Terra Galleria Photography

Photographing Fall foliage in Olympic National Park


Part 4 of 4: 1 | 2 | 3 | 4

Last October, I visited Olympic National Park to photograph autumn foliage. In this post, you will find out about the places where I found the best color, as well as my tips for photographing in the rain.

The Olympic Peninsula home to the lushest temperate rain forests in America. When you think about the rainforest, you think about a world painted all shades of green. However, the trees that support the iconic hanging mosses are mostly big leaf maples. Like all maples, those trees turn brilliant color in the autumn. Set amongst a sea of dark greens, the yellow leaves produce small, but striking color accents. The Eastern forests are so full of warm colors that sometimes you just see a wall of color. It is the contrast and interaction between colors that gives a color image interest. Sometimes, more interaction happens with fewer colors, which is the case in the rain forest in autumn.

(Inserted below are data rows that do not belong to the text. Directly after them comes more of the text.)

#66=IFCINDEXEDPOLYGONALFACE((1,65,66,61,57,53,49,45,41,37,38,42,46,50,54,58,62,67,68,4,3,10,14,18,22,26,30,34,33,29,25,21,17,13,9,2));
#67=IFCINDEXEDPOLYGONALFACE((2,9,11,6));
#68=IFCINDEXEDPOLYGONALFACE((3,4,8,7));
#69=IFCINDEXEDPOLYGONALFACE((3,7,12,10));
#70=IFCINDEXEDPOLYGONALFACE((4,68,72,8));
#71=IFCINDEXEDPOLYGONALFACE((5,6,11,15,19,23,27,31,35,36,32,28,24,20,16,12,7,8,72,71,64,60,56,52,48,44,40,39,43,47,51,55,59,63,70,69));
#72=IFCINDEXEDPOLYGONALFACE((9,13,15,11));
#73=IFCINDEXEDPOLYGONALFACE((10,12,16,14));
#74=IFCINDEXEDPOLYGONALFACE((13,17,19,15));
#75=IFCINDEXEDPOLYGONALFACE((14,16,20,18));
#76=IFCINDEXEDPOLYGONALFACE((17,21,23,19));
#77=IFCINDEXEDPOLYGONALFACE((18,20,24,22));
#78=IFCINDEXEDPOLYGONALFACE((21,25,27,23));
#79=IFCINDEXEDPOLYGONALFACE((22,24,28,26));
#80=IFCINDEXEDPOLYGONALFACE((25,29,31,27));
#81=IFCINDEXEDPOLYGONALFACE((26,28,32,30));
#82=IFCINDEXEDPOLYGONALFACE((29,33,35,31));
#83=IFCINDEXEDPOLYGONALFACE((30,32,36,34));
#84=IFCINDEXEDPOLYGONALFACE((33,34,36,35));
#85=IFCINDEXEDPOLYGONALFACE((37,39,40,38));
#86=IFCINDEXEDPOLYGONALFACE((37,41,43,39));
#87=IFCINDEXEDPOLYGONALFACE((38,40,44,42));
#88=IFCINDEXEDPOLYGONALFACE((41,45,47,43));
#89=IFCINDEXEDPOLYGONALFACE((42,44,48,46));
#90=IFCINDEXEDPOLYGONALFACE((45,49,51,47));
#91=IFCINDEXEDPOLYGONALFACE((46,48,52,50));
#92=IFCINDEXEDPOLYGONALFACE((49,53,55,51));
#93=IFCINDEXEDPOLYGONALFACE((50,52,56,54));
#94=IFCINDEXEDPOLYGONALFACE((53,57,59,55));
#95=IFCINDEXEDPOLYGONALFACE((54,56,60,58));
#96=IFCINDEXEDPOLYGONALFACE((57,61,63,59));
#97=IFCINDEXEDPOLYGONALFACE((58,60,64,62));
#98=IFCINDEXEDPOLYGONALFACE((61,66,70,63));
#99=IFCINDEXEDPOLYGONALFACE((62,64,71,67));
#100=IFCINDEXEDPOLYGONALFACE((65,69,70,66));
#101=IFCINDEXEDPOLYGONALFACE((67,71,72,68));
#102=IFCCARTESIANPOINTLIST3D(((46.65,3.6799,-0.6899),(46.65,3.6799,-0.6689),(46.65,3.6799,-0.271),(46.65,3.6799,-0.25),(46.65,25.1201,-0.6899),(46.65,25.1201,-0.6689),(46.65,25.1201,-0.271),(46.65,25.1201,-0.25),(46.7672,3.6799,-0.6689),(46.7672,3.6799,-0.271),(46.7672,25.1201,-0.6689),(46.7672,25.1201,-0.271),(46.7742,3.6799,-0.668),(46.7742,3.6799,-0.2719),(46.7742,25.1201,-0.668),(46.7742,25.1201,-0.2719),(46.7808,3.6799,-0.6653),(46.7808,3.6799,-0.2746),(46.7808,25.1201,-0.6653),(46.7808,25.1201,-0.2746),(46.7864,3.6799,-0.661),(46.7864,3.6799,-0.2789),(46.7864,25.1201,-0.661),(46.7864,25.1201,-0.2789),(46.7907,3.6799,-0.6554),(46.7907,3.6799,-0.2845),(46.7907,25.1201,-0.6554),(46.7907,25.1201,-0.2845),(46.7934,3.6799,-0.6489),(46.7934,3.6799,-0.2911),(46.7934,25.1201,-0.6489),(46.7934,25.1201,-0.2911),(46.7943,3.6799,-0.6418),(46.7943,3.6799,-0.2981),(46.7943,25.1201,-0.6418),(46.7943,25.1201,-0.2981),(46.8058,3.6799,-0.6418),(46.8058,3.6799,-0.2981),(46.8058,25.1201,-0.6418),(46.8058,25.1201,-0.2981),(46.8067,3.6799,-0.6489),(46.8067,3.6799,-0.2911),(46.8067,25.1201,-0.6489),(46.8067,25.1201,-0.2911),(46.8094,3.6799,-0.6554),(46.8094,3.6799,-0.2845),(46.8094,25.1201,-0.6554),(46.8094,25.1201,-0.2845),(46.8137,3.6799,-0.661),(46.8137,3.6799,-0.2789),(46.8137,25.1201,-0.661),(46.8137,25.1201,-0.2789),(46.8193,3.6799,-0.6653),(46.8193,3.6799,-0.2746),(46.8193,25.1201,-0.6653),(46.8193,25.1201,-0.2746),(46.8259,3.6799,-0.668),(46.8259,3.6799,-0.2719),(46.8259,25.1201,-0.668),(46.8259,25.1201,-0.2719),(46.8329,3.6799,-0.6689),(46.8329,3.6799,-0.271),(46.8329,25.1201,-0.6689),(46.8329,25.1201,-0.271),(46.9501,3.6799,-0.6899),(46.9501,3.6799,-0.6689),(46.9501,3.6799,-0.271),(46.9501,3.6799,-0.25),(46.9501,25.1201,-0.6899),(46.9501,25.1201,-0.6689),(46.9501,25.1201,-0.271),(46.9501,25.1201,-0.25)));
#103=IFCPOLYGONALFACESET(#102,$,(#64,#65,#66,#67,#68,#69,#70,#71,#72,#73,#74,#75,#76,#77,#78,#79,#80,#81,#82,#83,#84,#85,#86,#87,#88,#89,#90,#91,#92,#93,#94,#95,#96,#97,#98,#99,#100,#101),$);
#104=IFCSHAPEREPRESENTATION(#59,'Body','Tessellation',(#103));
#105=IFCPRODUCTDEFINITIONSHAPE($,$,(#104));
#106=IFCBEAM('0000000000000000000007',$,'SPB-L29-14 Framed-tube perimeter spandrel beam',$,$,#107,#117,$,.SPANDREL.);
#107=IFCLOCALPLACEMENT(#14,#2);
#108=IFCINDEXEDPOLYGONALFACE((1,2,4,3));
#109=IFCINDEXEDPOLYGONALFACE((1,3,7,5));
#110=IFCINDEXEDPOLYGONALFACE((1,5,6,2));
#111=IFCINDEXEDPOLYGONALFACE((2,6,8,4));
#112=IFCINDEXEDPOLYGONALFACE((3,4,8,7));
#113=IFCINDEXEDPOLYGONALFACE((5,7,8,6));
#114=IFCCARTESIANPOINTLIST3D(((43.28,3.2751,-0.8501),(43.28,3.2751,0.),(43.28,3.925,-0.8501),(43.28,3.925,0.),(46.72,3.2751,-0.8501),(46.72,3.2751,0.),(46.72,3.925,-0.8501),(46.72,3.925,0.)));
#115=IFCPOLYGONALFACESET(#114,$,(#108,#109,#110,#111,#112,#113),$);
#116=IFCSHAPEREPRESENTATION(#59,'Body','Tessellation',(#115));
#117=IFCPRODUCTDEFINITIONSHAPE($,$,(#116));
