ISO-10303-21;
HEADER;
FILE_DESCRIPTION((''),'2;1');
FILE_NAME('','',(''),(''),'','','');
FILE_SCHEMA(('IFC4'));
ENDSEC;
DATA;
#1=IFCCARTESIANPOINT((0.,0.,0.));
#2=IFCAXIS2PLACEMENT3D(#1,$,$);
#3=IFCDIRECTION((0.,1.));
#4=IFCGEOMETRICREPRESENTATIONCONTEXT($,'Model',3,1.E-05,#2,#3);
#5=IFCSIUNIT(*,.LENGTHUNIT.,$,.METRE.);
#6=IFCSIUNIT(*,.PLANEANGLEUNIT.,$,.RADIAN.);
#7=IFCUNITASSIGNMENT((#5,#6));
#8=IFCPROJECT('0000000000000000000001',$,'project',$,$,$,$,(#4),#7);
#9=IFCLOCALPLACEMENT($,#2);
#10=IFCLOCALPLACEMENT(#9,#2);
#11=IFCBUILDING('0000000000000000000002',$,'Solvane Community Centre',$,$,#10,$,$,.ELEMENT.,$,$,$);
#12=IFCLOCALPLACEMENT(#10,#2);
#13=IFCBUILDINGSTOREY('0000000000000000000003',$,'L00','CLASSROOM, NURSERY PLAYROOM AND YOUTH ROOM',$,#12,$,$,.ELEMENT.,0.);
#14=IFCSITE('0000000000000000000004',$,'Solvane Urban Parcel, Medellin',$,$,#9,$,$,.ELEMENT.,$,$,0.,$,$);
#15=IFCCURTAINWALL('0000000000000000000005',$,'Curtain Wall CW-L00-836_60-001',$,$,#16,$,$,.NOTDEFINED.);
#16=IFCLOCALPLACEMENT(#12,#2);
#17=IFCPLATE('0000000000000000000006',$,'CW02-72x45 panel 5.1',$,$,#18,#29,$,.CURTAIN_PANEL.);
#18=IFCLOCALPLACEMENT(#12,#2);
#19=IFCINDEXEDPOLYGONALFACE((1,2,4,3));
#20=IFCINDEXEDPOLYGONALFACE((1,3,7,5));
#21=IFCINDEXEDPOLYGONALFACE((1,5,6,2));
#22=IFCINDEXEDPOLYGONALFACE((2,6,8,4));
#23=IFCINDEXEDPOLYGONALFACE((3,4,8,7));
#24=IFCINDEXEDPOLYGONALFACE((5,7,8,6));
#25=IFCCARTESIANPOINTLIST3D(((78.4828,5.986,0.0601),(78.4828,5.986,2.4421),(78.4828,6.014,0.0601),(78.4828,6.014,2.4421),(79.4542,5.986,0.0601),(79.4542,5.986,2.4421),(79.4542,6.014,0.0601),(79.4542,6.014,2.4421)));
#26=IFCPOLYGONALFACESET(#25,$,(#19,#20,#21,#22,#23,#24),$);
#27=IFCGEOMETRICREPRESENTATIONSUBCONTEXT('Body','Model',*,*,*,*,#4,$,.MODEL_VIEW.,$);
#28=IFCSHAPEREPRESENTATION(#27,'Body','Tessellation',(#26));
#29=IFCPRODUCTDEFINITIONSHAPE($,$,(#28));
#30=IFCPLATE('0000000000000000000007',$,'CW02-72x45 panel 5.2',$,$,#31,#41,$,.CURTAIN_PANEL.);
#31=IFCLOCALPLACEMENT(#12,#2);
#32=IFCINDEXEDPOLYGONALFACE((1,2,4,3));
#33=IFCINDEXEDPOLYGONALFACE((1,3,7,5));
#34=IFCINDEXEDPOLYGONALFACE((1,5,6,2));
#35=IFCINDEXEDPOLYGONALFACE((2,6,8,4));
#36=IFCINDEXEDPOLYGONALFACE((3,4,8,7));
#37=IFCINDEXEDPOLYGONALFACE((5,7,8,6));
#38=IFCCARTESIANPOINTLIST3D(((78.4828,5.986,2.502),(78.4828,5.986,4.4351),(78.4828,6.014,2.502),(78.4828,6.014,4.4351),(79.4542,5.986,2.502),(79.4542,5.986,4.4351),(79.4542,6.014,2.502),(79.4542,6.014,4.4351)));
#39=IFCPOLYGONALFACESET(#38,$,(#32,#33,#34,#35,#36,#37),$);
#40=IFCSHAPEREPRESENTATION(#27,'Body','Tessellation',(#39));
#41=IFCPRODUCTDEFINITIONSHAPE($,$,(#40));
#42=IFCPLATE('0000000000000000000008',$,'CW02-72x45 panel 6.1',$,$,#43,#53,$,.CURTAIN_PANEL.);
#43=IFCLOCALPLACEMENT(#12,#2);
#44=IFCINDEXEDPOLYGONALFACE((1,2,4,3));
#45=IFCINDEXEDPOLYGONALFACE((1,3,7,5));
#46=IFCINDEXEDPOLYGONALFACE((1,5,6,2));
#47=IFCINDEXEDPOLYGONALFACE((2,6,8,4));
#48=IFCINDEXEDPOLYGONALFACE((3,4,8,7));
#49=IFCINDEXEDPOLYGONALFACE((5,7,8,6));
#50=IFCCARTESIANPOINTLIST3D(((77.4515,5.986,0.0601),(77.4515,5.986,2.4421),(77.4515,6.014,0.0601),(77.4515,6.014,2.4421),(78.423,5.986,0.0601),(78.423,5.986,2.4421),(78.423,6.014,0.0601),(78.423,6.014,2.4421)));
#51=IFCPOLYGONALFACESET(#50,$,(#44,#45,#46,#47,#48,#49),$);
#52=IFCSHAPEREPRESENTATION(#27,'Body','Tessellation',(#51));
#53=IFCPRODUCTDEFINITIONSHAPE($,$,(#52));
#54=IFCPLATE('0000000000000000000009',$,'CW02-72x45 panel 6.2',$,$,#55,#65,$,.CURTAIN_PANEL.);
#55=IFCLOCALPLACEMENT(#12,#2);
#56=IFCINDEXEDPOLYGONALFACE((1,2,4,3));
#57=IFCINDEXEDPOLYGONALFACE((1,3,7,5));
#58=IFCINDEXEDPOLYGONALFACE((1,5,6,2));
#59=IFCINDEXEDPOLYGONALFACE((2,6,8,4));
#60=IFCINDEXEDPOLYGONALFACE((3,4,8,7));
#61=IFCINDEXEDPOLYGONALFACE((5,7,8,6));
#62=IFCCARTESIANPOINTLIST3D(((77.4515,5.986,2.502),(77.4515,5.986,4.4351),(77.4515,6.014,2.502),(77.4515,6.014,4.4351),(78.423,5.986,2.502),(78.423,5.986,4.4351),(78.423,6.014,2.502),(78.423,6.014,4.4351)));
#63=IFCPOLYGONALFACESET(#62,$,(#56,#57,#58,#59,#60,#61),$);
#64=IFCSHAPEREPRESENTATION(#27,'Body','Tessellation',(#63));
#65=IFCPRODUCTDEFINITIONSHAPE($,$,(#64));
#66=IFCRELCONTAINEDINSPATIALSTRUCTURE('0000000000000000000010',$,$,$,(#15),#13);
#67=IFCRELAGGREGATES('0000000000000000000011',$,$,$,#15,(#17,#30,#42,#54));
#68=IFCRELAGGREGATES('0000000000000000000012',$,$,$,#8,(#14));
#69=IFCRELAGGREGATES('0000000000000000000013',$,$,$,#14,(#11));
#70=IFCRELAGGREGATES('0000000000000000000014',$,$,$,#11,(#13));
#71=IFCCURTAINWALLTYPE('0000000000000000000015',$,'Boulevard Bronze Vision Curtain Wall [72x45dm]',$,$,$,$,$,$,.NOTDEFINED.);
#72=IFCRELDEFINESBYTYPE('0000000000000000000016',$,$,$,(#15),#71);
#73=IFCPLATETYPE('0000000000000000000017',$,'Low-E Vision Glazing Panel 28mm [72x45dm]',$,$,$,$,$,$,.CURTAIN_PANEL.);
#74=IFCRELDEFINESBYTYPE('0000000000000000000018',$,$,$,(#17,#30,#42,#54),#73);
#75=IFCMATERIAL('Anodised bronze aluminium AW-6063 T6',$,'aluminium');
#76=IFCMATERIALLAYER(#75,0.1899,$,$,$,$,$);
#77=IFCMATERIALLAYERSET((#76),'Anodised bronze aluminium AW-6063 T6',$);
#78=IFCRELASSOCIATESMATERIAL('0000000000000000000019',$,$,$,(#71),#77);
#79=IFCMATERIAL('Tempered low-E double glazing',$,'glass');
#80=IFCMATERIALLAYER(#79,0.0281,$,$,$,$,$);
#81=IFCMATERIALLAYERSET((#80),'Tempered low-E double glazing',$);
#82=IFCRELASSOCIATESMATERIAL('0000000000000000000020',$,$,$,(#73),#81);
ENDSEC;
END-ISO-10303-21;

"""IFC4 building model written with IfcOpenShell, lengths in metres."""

from ifc_helpers import new_model, si_unit, direction, frame, origin, origin_2d, place, context, subcontext, project, spatial, rectangle, extrude, material, layer, layer_set, type_object, element, aggregate, save


model = new_model("IFC4")

# Units and contexts
model_context = context("Model", 3, precision=1e-05, world=origin(), true_north=direction((0.0, 1.0)))
body_context = subcontext(model_context, "Body", "Model", "MODEL_VIEW")
ifc_project = project(units=[si_unit("LENGTHUNIT", "METRE"), si_unit("PLANEANGLEUNIT", "RADIAN")], contexts=[model_context])

# Site, building, storey
site_placement = place(None, origin())
site = spatial("IfcSite", under=ifc_project, at=site_placement, Name="Solvane Urban Parcel, Medellin", CompositionType="ELEMENT", RefElevation=0.0)
building_placement = place(site_placement, origin())
building = spatial("IfcBuilding", under=site, at=building_placement, Name="Solvane Community Centre", CompositionType="ELEMENT")
storey_placement = place(building_placement, origin())
storey = spatial("IfcBuildingStorey", under=building, at=storey_placement, Name="L00", Description="CLASSROOM, NURSERY PLAYROOM AND YOUTH ROOM", CompositionType="ELEMENT", Elevation=0.0)

# Curtain wall, plates
ifc_material_1 = material(Name="Anodised bronze aluminium AW-6063 T6", Category="aluminium")
ifc_layer_1 = layer(ifc_material_1, 0.1899)
ifc_layer_set_1 = layer_set([ifc_layer_1], Name="Anodised bronze aluminium AW-6063 T6")
curtain_wall_type = type_object("IfcCurtainWallType", Name="Boulevard Bronze Vision Curtain Wall [72x45dm]", PredefinedType="NOTDEFINED", material=ifc_layer_set_1)
curtain_wall_placement = place(storey_placement, origin())
curtain_wall = element("IfcCurtainWall", 1, at=curtain_wall_placement, inside=storey, type_object=curtain_wall_type, Name="Curtain Wall CW-L00-836_60-001", PredefinedType="NOTDEFINED")
ifc_material_2 = material(Name="Tempered low-E double glazing", Category="glass")
ifc_layer_2 = layer(ifc_material_2, 0.0281)
ifc_layer_set_2 = layer_set([ifc_layer_2], Name="Tempered low-E double glazing")
plate_type = type_object("IfcPlateType", Name="Low-E Vision Glazing Panel 28mm [72x45dm]", PredefinedType="CURTAIN_PANEL", material=ifc_layer_set_2)
plate_1_placement = place(storey_placement, frame((78.9685, 6.0, 0.0601), z_axis=(0.0, 0.0, 1.0), x_axis=(-1.0, 0.0, 0.0)))
plate_1 = element("IfcPlate", 2, at=plate_1_placement, type_object=plate_type, Name="CW02-72x45 panel 5.1", PredefinedType="CURTAIN_PANEL", context=body_context, shape_type="SweptSolid", body=[
    extrude(rectangle(XDim=0.9714, YDim=0.0281, at=origin_2d()), origin(), (0.0, 0.0, 1.0), 2.3821),
])
plate_2_placement = place(storey_placement, frame((78.9685, 6.0, 2.502), z_axis=(0.0, 0.0, 1.0), x_axis=(-1.0, 0.0, 0.0)))
plate_2 = element("IfcPlate", 3, at=plate_2_placement, type_object=plate_type, Name="CW02-72x45 panel 5.2", PredefinedType="CURTAIN_PANEL", context=body_context, shape_type="SweptSolid", body=[
    extrude(rectangle(XDim=0.9714, YDim=0.0281, at=origin_2d()), origin(), (0.0, 0.0, 1.0), 1.9331),
])
plate_3_placement = place(storey_placement, frame((77.9373, 6.0, 0.0601), z_axis=(0.0, 0.0, 1.0), x_axis=(-1.0, 0.0, 0.0)))
plate_3 = element("IfcPlate", 4, at=plate_3_placement, type_object=plate_type, Name="CW02-72x45 panel 6.1", PredefinedType="CURTAIN_PANEL", context=body_context, shape_type="SweptSolid", body=[
    extrude(rectangle(XDim=0.9714, YDim=0.0281, at=origin_2d()), origin(), (0.0, 0.0, 1.0), 2.3821),
])
plate_4_placement = place(storey_placement, frame((77.9373, 6.0, 2.502), z_axis=(0.0, 0.0, 1.0), x_axis=(-1.0, 0.0, 0.0)))
plate_4 = element("IfcPlate", 5, at=plate_4_placement, type_object=plate_type, Name="CW02-72x45 panel 6.2", PredefinedType="CURTAIN_PANEL", context=body_context, shape_type="SweptSolid", body=[
    extrude(rectangle(XDim=0.9714, YDim=0.0281, at=origin_2d()), origin(), (0.0, 0.0, 1.0), 1.9331),
])
aggregate(curtain_wall, [plate_1, plate_2, plate_3, plate_4])

save(model, "model.ifc")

Besides the big leaf maples, color in the Hoh Rainforest is also provided by vine maples. Unlike the big leaf maple, their smaller leaves tend to provide clusters of color, rather than the accents of the individualized leaves. Those two images are from the Hall of Mosses Trail (0.75 mile) which have both.

For most of the Pacific Northwest (Oregon and Washington) low elevation forests, and for the west side rainforests at Olympic, late October usually is the best time for fall color. However, I found most of the big leaf maples past peak on Oct 17-19 last year. I learned later that fall color started a bit early, but overall wasn’t great that year.

As implied by its name, along the Maple Glades Trail (0.5 mile) in Quinault, you will see plenty of majestic maple trees. The most colorful leaves were high up. Usually, cloudy conditions and soft light are much preferable to sunny days for photographing the rain forest. However, shooting up works better in sunny conditions with a blue sky than with a cloudy sky. I took advantage of a half-day weather break to create this image, unexpected for the Olympic rain forests in its perspective and color.

Although autumn color in the rain forests disappointed a bit, I found much more of it in the Sol Duc area of Olympic National Park. My favorite roadside spot was the bridge over the North Fork of the Sol Duc River. It’s the only bridge over the river on the road to Sol Duc, situated about 1/3 of the way in.

Sol Duc Falls (1.6 mile RT), is the most beautiful amongst the easily accessible waterfalls in the park, dropping 50 feet into a narrow gorge in a lush forest setting. The flow is good year-round. On the way, about 0.3 miles from the trailhead, I photographed a small stream, where in the spring water would cascade over mossy rocks. Late in the season, the stream had dried out, but the scene remained beautiful.

Although it was raining hard all day, I was able to keep myself and my camera backpack mostly dry by carrying an umbrella. I carried a rain cover for the camera, but did not use it, as it makes it difficult to change lenses. The forest I was hiking in cut all the wind, so the umbrella was sufficient to keep the camera dry. Since I always photographed on a tripod, I could operate the camera with one hand and hold the umbrella with the other hand with the proper ballhead friction settings. Whenever I needed to use both hands, I inserted the shaft of the umbrella into the collar opening of my rain jacket, letting the umbrella sit on my rain hat. Drops of water on the lens front element are inevitable and will show on the image as a fuzzy blob. To prevent them, I made sure to use a micro-fiber cloth to wipe out the front element of the lens before each shot. A small cloth quickly get saturated with water and becomes useless at drying a lens, so I carry a 10 inch by 10 inch cloth for rainy days.

After photographing a whole day in the rain, my lenses had trapped a lot of moisture. It didn’t dry because I was sleeping in the car where the air was damp and cool. When I photographed at dawn in the forest (with a bit of light painting), this did not affect the image because it was still cold.

However, as the temperatures warmed up during the day, internal condensation started to cause fogging and blurring. Upon discovering the problem, I immediately returned to the car, cranked the heat, A/C, and ventilation to the maximum, and placed the lenses on the dashboard. After less than half an hour, the lenses were totally dried, and I hiked back for a re-take. In retrospect, I kind of like the eerie and impressionistic effect, and I am glad I did not delete the pictures! What do you think of it?

More photos of Olympic National Park Fall Colors

Part 4 of 4: 1 | 2 | 3 | 4


  1. Chris says:

    I actually really like the impressionistic ferns and was wondering how you got that effect. Glad you saved it and included it in your write-up.

    • QT Luong says:

      This was not intentional, but it is possible to replicate the effect by causing condensation on the lens. The most common situation that causes condensation is to take your lens suddenly from a cold and dry environment (such as room or car with AC) to a warm and moister environment. You could also try try to smear water on the lens with a damp cloth, but the effect might be different.